Any predictions in the boys CIF San Diego section?


----------



## Surfref (Dec 1, 2017)

I refereed my first varsity girls game and know both coaches very well.  We talked about how DA has impacted their teams.  One coach had two girls opt out of HS for DA.  Both startering outside mids, one a sophomore and one a junior.  The coach said they are missed, but the other players have adjusted and will only get better as the season progresses.  The other team had five girls opt out of HS for DA, 1 Forward, 1 mids and 3 defenders.  This team is usually one of the better teams in the county and it was evident that those 5 missing players impacted the team.


----------



## CopaMundial (Dec 4, 2017)

Carlsbad High faced JSerra tonight. CHS goes up 1-0 in the first half, with their amazing little freshman. JSerra answers back with 2 and then foul in the box. CHS can't convert and JSerra keeper has a great save, but overall, I say this is a fantastic result for CHS. Supposedly losing 5+ players to DA, but yet just went toe to toe with the number #2 team in the nation that is comprised primarily of SoCal Blues Baker players that are ECNL national champions and opted to stay in ECNL as a team, which means they can still play HS soccer. I say, all the girls just need to enjoy the HS season, have pride in your school, make friends, stay healthy and believe that anything can happen because it can. Every year has it's challenges. I'm sure more are in store next year, but for now, who cares who's not playing HS....it's about those that ARE!


----------



## gkrent (Dec 5, 2017)

CopaMundial said:


> Carlsbad High faced JSerra tonight. CHS goes up 1-0 in the first half, with their amazing little freshman. JSerra answers back with 2 and then foul in the box. CHS can't convert and JSerra keeper has a great save, but overall, I say this is a fantastic result for CHS. Supposedly losing 5+ players to DA, but yet just went toe to toe with the number #2 team in the nation that is comprised primarily of SoCal Blues Baker players that are ECNL national champions and opted to stay in ECNL as a team, which means they can still play HS soccer. I say, all the girls just need to enjoy the HS season, have pride in your school, make friends, stay healthy and believe that anything can happen because it can. Every year has it's challenges. I'm sure more are in store next year, but for now, who cares who's not playing HS....it's about those that ARE!

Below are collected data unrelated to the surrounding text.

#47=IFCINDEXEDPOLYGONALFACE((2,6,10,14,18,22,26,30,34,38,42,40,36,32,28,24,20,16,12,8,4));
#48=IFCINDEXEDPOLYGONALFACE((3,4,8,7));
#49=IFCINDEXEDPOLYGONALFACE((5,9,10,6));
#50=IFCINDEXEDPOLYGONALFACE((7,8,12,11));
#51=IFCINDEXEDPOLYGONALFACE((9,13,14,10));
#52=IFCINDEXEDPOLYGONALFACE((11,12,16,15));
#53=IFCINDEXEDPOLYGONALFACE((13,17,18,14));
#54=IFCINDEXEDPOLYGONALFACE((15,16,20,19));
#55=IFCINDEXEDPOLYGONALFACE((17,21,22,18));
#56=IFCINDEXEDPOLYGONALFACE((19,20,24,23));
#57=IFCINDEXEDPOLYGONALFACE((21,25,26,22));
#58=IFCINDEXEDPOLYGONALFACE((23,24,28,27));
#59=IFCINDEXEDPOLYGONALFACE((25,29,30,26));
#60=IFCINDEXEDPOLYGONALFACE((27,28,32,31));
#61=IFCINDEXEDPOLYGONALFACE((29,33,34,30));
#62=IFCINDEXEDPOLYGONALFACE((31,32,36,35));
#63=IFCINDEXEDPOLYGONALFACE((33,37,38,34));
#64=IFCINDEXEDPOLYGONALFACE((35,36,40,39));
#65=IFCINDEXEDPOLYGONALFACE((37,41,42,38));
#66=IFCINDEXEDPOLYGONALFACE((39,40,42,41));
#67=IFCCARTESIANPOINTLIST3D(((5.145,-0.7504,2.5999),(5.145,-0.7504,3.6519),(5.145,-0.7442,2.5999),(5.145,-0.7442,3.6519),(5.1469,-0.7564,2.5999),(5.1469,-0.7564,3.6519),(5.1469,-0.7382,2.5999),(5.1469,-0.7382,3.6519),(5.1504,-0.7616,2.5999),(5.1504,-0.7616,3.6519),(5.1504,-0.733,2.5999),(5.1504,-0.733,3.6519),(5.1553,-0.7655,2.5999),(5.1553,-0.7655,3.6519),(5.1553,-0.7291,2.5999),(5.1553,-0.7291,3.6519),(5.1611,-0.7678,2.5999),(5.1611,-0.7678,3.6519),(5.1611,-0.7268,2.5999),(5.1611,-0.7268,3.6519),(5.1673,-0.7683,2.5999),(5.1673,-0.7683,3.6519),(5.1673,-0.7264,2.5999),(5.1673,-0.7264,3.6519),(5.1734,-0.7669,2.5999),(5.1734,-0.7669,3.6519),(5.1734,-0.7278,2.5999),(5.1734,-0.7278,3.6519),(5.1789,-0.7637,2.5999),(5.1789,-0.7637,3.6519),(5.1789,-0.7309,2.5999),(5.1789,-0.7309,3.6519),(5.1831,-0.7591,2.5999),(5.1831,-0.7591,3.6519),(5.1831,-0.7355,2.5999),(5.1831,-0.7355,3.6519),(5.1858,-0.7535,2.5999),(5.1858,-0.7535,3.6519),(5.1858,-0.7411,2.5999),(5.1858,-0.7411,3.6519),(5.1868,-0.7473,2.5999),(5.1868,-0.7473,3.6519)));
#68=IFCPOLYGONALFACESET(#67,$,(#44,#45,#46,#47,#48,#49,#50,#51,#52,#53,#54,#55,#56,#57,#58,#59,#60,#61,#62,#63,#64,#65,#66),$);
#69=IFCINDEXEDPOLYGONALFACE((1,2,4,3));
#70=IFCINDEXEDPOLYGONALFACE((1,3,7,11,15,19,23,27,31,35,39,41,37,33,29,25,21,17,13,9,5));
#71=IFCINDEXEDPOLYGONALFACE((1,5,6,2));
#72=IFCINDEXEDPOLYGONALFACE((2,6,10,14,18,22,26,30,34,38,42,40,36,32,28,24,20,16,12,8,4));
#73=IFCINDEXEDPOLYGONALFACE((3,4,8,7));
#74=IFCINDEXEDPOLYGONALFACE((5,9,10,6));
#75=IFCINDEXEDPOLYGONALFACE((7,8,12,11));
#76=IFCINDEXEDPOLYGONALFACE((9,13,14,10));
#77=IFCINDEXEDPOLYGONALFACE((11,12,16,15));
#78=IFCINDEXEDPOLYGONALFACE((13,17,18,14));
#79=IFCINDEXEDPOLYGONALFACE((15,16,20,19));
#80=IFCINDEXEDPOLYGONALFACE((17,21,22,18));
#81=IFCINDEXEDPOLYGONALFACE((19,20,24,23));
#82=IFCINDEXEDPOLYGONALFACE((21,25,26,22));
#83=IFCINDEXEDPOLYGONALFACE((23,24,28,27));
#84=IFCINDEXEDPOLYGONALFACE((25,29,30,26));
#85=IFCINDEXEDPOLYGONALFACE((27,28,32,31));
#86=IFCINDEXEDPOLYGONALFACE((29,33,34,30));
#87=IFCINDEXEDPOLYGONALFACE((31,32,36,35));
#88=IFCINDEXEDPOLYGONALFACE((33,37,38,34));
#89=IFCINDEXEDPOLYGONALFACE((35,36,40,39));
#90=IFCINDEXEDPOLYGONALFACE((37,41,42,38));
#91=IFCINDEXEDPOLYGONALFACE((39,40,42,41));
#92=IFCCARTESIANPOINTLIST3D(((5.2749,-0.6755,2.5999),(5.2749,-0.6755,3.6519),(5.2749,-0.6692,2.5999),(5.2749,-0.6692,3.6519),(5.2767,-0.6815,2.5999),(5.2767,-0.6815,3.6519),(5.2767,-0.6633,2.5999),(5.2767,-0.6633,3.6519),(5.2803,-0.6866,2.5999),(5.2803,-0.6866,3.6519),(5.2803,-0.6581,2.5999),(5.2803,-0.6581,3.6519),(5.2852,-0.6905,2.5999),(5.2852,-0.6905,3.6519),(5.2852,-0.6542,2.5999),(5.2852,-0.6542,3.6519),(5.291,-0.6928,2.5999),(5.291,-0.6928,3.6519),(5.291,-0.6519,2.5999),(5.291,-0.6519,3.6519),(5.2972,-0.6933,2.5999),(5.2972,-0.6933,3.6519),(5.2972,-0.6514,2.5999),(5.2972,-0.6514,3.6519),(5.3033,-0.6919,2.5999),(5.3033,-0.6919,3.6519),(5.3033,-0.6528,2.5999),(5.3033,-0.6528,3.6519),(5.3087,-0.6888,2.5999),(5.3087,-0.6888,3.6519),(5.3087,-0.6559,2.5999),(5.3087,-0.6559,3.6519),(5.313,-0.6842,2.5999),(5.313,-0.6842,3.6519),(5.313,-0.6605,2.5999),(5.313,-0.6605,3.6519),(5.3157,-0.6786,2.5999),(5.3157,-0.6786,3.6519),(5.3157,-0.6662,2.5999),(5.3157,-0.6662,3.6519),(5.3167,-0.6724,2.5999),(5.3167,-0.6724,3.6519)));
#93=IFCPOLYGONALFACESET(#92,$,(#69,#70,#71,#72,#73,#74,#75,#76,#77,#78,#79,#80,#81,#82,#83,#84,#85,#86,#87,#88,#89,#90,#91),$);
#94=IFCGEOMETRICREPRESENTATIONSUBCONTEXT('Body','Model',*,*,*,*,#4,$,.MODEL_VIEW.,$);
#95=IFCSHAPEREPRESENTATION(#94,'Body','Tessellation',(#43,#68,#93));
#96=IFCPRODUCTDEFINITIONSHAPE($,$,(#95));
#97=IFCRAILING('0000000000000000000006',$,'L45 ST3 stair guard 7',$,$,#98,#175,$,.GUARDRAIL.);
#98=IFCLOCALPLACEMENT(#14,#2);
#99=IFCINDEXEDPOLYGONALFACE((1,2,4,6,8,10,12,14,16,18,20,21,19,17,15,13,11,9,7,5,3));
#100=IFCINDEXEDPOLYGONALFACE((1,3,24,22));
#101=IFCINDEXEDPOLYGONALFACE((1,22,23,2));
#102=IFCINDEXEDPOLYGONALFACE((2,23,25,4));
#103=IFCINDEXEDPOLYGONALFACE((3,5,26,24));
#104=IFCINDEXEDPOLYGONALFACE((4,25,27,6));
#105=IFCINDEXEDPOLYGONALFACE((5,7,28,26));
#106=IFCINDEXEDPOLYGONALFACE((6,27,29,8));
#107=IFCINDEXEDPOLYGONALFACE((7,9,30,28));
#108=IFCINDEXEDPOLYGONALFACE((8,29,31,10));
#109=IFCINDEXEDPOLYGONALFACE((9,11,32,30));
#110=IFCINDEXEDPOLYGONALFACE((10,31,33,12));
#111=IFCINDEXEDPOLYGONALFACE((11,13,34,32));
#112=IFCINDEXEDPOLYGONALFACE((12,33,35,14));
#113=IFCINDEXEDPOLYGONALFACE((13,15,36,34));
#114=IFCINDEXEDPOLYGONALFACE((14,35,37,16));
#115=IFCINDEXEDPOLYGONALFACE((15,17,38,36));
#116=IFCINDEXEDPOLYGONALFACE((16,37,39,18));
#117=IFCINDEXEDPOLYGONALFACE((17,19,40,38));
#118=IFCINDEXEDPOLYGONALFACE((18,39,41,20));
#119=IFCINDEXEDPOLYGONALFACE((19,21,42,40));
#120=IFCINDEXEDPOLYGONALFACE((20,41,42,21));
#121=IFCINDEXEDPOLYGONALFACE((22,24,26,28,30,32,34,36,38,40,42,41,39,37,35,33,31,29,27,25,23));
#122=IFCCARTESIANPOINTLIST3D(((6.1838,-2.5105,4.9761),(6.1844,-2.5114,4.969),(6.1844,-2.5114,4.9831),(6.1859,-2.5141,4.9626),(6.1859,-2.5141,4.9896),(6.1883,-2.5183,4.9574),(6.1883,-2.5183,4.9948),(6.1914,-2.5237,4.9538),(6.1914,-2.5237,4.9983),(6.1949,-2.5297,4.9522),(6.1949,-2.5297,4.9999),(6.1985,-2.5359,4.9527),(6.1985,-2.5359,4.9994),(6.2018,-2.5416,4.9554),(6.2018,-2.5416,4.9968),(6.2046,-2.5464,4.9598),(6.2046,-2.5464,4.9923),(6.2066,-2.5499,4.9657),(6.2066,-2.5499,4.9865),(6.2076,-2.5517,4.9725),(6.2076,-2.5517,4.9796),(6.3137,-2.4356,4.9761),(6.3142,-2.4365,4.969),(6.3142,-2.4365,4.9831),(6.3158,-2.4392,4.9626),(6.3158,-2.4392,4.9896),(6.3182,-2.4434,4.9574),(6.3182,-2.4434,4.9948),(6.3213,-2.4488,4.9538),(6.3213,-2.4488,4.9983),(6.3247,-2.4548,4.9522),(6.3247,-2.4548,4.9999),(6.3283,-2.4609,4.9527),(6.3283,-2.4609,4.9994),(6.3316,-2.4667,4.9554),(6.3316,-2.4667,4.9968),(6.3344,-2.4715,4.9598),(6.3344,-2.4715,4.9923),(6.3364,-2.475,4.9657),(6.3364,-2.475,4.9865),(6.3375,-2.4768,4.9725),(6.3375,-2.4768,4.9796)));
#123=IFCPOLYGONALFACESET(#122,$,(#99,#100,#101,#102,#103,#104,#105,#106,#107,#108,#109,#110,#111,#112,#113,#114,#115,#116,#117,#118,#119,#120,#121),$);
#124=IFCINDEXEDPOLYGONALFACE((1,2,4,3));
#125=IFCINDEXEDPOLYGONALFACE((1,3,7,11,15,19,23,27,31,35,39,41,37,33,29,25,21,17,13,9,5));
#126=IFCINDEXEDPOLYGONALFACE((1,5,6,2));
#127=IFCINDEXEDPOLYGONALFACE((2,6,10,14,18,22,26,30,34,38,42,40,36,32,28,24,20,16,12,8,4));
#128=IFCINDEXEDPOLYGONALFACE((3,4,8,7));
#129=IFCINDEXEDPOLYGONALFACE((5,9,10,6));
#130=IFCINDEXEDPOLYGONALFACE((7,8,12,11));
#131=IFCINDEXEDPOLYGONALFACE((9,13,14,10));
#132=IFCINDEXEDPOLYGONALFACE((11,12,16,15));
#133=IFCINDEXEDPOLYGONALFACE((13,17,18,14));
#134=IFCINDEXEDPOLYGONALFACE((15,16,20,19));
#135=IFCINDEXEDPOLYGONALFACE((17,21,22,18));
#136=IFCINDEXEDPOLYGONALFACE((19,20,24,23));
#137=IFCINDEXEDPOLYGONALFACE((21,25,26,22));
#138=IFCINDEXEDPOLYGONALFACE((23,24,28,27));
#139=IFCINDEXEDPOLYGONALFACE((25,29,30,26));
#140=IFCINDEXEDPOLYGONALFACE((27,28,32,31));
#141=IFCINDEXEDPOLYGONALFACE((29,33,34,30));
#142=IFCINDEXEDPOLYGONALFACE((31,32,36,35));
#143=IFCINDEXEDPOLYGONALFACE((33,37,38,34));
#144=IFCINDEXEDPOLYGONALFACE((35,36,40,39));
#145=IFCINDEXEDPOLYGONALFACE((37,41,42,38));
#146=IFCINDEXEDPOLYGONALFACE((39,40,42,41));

You should post a CIF San Diego Section thread!


----------



## twoclubpapa (Dec 5, 2017)

CopaMundial said:


> Carlsbad High faced JSerra tonight. CHS goes up 1-0 in the first half, with their amazing little freshman. JSerra answers back with 2 and then foul in the box. CHS can't convert and JSerra keeper has a great save, but overall, I say this is a fantastic result for CHS. Supposedly losing 5+ players to DA, but yet just went toe to toe with the number #2 team in the nation that is comprised primarily of SoCal Blues Baker players that are ECNL national champions and opted to stay in ECNL as a team, which means they can still play HS soccer. I say, all the girls just need to enjoy the HS season, have pride in your school, make friends, stay healthy and believe that anything can happen because it can. Every year has it's challenges. I'm sure more are in store next year, but for now, who cares who's not playing HS....it's about those that ARE!





> You should post a CIF San Diego Section thread!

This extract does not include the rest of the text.